Question

Disprove the statement that every positive integer is the sum of 36 fifth powers of nonnegative integers.

Short answer

The statement is not true for \(223\).

Step-by-step solution

Describe the given information

Every positive integer is the sum of 36 fifth powers of nonnegative integers.

Disprove the given statement

To disprove the statement, it is required to find a positive integer that cannot be rewritten as the sum of the cubes of eight nonnegative integers.

The fifth power of nonnegative integers is as follows:

\(\begin{array}{c}{0^5} = 0\\{1^5} = 1\\{2^5} = 32\\{3^5} = 243\\{4^5} = 1024\\ \vdots \end{array}\)

The smallest nonnegative integer that cannot be written as the sum of \(36\) terms out of the above list is \(223\). The next sum contains six times \(32\) and thirty-one times \(1\).

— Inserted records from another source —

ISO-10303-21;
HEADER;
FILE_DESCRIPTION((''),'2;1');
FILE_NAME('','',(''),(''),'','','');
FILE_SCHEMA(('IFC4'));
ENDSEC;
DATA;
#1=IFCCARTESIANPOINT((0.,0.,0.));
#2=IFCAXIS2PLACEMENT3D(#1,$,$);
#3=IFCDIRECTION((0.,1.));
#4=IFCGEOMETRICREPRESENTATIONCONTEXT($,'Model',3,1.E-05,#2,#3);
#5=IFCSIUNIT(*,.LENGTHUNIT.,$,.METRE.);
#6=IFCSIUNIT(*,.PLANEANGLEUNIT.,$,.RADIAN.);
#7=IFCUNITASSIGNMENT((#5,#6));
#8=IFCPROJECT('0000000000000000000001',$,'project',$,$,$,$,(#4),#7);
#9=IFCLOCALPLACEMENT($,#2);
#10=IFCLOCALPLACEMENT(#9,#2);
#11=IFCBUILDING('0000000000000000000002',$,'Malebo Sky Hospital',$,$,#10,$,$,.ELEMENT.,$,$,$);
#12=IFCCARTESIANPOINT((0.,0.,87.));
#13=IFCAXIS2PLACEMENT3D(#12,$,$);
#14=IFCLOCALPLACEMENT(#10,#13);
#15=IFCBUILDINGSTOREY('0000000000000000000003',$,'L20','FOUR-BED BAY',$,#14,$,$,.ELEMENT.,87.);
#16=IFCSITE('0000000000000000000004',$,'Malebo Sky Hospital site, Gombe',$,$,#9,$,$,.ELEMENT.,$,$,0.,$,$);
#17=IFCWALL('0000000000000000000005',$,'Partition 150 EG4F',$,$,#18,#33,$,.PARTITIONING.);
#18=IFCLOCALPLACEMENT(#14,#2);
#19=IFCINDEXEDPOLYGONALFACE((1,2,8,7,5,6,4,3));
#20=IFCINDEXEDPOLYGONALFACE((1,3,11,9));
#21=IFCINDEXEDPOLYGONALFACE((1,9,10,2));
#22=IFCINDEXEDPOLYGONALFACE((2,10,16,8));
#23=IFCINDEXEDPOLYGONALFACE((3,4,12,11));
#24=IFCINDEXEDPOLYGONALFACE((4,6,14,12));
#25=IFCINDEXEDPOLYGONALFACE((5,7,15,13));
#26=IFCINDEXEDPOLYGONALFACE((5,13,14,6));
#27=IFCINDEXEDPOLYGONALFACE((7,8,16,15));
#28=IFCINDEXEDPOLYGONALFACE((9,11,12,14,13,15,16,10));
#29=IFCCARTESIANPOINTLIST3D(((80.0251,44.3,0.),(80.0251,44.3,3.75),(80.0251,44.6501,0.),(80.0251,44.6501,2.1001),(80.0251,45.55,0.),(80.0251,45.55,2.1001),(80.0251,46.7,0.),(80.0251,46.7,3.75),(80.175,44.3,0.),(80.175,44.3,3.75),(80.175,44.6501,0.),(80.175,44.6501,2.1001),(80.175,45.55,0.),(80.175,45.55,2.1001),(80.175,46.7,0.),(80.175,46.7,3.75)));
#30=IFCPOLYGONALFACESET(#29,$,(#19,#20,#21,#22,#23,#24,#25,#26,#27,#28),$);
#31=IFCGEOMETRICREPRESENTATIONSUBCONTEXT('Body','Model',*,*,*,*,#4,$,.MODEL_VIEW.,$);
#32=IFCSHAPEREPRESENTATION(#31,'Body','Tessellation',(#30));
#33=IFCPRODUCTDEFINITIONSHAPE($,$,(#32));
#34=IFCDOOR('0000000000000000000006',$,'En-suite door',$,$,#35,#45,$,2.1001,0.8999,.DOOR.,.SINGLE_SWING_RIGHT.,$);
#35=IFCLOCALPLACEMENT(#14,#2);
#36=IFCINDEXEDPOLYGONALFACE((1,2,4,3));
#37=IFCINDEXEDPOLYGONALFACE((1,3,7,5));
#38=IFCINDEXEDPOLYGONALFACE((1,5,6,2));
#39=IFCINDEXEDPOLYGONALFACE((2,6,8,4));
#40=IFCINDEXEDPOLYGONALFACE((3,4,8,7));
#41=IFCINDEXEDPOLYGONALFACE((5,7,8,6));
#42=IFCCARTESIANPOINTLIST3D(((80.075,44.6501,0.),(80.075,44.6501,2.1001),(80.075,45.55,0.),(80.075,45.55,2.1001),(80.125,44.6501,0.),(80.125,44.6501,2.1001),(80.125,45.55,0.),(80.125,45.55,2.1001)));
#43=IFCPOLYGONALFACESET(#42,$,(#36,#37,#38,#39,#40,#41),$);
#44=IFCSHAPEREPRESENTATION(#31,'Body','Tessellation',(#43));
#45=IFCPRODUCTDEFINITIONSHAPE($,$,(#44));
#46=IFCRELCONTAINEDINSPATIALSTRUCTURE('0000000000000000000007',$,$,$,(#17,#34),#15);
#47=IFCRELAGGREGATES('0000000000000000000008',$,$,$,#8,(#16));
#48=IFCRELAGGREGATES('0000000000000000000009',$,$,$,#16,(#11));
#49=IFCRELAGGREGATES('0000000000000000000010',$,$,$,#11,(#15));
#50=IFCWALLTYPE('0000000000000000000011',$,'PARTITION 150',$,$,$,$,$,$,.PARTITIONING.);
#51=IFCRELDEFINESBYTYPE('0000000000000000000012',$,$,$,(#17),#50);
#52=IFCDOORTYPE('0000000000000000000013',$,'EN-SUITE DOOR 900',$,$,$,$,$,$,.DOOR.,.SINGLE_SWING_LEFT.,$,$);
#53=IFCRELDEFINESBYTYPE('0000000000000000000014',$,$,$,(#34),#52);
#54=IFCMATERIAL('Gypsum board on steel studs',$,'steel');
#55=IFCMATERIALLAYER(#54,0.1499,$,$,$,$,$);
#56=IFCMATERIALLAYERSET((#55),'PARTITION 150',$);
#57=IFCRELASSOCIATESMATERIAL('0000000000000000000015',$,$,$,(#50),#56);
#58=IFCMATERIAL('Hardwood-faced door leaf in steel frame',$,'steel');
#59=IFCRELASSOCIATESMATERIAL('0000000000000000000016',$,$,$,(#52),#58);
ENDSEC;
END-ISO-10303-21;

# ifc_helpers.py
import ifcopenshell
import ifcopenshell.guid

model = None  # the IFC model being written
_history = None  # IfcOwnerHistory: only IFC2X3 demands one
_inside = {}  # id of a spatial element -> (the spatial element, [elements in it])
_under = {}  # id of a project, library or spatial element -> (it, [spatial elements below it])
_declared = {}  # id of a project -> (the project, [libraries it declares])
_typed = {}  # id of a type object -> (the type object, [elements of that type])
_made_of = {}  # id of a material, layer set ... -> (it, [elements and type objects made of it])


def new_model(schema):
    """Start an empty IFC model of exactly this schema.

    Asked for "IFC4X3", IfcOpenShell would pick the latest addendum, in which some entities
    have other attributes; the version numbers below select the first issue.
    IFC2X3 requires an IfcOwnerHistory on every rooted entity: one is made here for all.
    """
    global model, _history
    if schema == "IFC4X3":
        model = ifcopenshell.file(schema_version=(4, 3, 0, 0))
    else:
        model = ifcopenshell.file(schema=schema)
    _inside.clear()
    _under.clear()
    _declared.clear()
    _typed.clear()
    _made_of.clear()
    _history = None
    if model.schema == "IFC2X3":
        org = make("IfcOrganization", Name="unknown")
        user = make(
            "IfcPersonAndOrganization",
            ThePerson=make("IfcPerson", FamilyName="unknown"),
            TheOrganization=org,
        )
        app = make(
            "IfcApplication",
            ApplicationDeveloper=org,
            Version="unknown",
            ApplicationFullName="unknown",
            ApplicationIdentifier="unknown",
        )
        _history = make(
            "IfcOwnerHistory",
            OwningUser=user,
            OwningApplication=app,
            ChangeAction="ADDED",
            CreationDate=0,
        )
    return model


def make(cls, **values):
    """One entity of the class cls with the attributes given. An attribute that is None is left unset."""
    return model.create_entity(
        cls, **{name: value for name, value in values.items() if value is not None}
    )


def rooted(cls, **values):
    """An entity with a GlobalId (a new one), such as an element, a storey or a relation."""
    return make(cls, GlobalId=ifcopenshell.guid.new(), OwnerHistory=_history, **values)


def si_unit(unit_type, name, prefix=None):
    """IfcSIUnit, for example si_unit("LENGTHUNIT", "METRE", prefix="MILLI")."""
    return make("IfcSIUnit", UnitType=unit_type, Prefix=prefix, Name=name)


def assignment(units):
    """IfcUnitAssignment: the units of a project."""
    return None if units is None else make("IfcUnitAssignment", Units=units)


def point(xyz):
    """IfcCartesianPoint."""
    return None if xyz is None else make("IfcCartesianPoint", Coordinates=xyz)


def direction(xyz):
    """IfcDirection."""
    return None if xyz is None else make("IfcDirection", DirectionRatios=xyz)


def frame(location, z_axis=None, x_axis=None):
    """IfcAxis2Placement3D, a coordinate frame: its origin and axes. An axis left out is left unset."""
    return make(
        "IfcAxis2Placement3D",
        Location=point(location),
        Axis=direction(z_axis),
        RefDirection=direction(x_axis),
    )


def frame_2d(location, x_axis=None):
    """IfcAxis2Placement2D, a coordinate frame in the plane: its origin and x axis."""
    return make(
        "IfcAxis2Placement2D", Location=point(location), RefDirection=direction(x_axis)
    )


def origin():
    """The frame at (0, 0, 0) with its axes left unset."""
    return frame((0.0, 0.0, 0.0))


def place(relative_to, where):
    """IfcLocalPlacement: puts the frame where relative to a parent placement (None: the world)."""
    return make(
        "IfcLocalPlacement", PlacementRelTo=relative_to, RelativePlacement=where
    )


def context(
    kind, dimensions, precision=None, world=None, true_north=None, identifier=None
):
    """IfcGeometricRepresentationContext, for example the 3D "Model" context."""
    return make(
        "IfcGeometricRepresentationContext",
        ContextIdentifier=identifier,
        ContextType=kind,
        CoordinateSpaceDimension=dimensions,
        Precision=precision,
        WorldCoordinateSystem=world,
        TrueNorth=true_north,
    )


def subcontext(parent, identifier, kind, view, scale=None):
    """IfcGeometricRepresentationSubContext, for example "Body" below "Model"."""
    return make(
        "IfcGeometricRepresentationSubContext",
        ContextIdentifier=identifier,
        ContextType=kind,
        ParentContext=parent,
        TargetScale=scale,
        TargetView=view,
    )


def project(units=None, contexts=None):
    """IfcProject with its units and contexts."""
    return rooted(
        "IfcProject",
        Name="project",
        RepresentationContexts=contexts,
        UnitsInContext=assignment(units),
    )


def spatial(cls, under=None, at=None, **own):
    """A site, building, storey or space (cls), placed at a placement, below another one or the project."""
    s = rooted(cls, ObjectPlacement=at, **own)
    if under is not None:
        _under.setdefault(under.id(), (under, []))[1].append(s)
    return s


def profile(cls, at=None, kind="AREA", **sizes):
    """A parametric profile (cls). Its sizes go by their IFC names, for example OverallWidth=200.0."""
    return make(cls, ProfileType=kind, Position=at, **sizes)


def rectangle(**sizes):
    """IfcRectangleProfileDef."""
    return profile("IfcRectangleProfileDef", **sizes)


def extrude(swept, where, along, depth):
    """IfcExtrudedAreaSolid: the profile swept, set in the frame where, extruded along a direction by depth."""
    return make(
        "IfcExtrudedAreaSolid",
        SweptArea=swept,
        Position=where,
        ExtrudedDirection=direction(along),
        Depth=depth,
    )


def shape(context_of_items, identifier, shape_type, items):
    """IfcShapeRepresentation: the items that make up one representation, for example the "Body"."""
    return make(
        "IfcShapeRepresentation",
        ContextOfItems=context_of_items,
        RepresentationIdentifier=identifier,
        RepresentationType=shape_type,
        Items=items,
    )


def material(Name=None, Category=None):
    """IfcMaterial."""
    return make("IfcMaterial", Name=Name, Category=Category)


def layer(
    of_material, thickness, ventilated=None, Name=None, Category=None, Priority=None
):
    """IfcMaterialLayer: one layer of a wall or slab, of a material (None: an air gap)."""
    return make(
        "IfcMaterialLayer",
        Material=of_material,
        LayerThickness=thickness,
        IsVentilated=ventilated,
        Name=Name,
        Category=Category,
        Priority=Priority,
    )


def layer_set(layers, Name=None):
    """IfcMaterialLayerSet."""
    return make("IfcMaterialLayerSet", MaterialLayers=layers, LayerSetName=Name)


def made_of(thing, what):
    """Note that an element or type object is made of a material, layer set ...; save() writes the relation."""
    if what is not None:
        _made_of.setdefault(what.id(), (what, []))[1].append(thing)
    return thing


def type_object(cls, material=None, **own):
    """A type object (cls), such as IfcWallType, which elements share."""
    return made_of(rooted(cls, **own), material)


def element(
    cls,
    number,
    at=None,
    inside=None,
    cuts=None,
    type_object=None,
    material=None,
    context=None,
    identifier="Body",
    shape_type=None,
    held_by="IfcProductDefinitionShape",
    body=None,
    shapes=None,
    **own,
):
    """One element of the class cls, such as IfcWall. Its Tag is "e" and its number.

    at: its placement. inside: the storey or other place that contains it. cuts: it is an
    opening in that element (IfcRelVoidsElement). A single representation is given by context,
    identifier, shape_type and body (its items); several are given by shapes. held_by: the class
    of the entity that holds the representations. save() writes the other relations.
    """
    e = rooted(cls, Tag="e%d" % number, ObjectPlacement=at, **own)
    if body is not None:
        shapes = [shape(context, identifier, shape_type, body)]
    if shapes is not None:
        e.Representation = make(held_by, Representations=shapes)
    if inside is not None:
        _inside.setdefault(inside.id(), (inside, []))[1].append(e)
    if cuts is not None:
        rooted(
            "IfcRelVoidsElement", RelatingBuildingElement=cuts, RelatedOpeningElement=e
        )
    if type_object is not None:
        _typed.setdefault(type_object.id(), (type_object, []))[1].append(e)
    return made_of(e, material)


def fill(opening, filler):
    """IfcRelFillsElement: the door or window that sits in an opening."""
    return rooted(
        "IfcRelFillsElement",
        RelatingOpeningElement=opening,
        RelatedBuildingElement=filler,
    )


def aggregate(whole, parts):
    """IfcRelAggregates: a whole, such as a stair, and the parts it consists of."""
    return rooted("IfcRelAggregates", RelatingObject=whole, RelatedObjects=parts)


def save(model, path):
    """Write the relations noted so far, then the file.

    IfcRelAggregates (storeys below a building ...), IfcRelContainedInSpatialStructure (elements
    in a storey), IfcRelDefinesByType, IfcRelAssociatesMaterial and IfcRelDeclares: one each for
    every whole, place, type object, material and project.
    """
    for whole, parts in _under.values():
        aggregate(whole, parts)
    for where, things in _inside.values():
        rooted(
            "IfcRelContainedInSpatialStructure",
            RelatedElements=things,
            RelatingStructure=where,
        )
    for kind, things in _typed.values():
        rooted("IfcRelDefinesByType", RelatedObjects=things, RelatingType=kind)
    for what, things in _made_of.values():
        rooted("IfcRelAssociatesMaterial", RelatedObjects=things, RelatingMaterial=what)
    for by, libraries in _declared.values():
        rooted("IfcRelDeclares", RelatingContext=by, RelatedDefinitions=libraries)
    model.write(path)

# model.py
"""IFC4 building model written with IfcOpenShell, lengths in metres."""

from ifc_helpers import new_model, si_unit, direction, frame, frame_2d, origin, place, context, subcontext, project, spatial, rectangle, extrude, material, layer, layer_set, type_object, element, fill, save


model = new_model("IFC4")

# Units and contexts
model_context = context("Model", 3, precision=1e-05, world=origin(), true_north=direction((0.0, 1.0)))
body_context = subcontext(model_context, "Body", "Model", "MODEL_VIEW")
ifc_project = project(units=[si_unit("LENGTHUNIT", "METRE"), si_unit("PLANEANGLEUNIT", "RADIAN")], contexts=[model_context])

# Site, building, storey
site_placement = place(None, origin())
site = spatial("IfcSite", under=ifc_project, at=site_placement, Name="Malebo Sky Hospital site, Gombe", CompositionType="ELEMENT", RefElevation=0.0)
building_placement = place(site_placement, origin())
building = spatial("IfcBuilding", under=site, at=building_placement, Name="Malebo Sky Hospital", CompositionType="ELEMENT")
storey_placement = place(building_placement, frame((0.0, 0.0, 87.0)))
storey = spatial("IfcBuildingStorey", under=building, at=storey_placement, Name="L20", Description="FOUR-BED BAY", CompositionType="ELEMENT", Elevation=87.0)

# Shared definitions
ifc_material_1 = material(Name="Gypsum board on steel studs", Category="steel")
ifc_material_2 = material(Name="Hardwood-faced door leaf in steel frame", Category="steel")

# Shared definitions
ifc_layer_1 = layer(ifc_material_1, 0.1499)
ifc_layer_set_1 = layer_set([ifc_layer_1], Name="PARTITION 150")
wall_type_1 = type_object("IfcWallType", Name="PARTITION 150", PredefinedType="PARTITIONING", material=ifc_layer_set_1)

# Shared definitions
door_type_1 = type_object("IfcDoorType", Name="EN-SUITE DOOR 900", OperationType="SINGLE_SWING_LEFT", PredefinedType="DOOR", material=ifc_material_2)

# Wall, opening, door
wall_1_placement = place(storey_placement, frame((80.1001, 46.7, 0.0), z_axis=(0.0, 0.0, 1.0), x_axis=(0.0, -1.0, 0.0)))
wall_1 = element("IfcWall", 1, at=wall_1_placement, inside=storey, type_object=wall_type_1, Name="Partition 150 EG4F", PredefinedType="PARTITIONING", context=body_context, shape_type="SweptSolid", body=[
    extrude(rectangle(XDim=2.3999, YDim=0.1499, at=frame_2d((1.2, 0.0))), origin(), (0.0, 0.0, 1.0), 3.75),
])
opening_1_placement = place(wall_1_placement, frame((1.1499, 0.0, 0.0)))
opening_1 = element("IfcOpeningElement", 2, at=opening_1_placement, cuts=wall_1, PredefinedType="OPENING", context=body_context, shape_type="SweptSolid", body=[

\(\begin{array}{c}223 = 32 + 32 + 32 + 32 + 32 + 32 + 1 + 1 + 1 + ... + 1\\ = 6\left( {32} \right) + 31\left( 1 \right)\\ = 6\left( {{2^5}} \right) + 31\left( {{1^5}} \right)\\ = {2^5} + {2^5} + {2^5} + {2^5} + {2^5} + {1^5} + {1^5} + {1^5} + ... + {1^5}\end{array}\)

Since the above sum contains \(37\) terms instead of \(36\) terms and the sum of \(223\) cannot be written with less terms, the statement is not correct.

Therefore, the statement is not true for \(223\) and thus it disproven the given statement.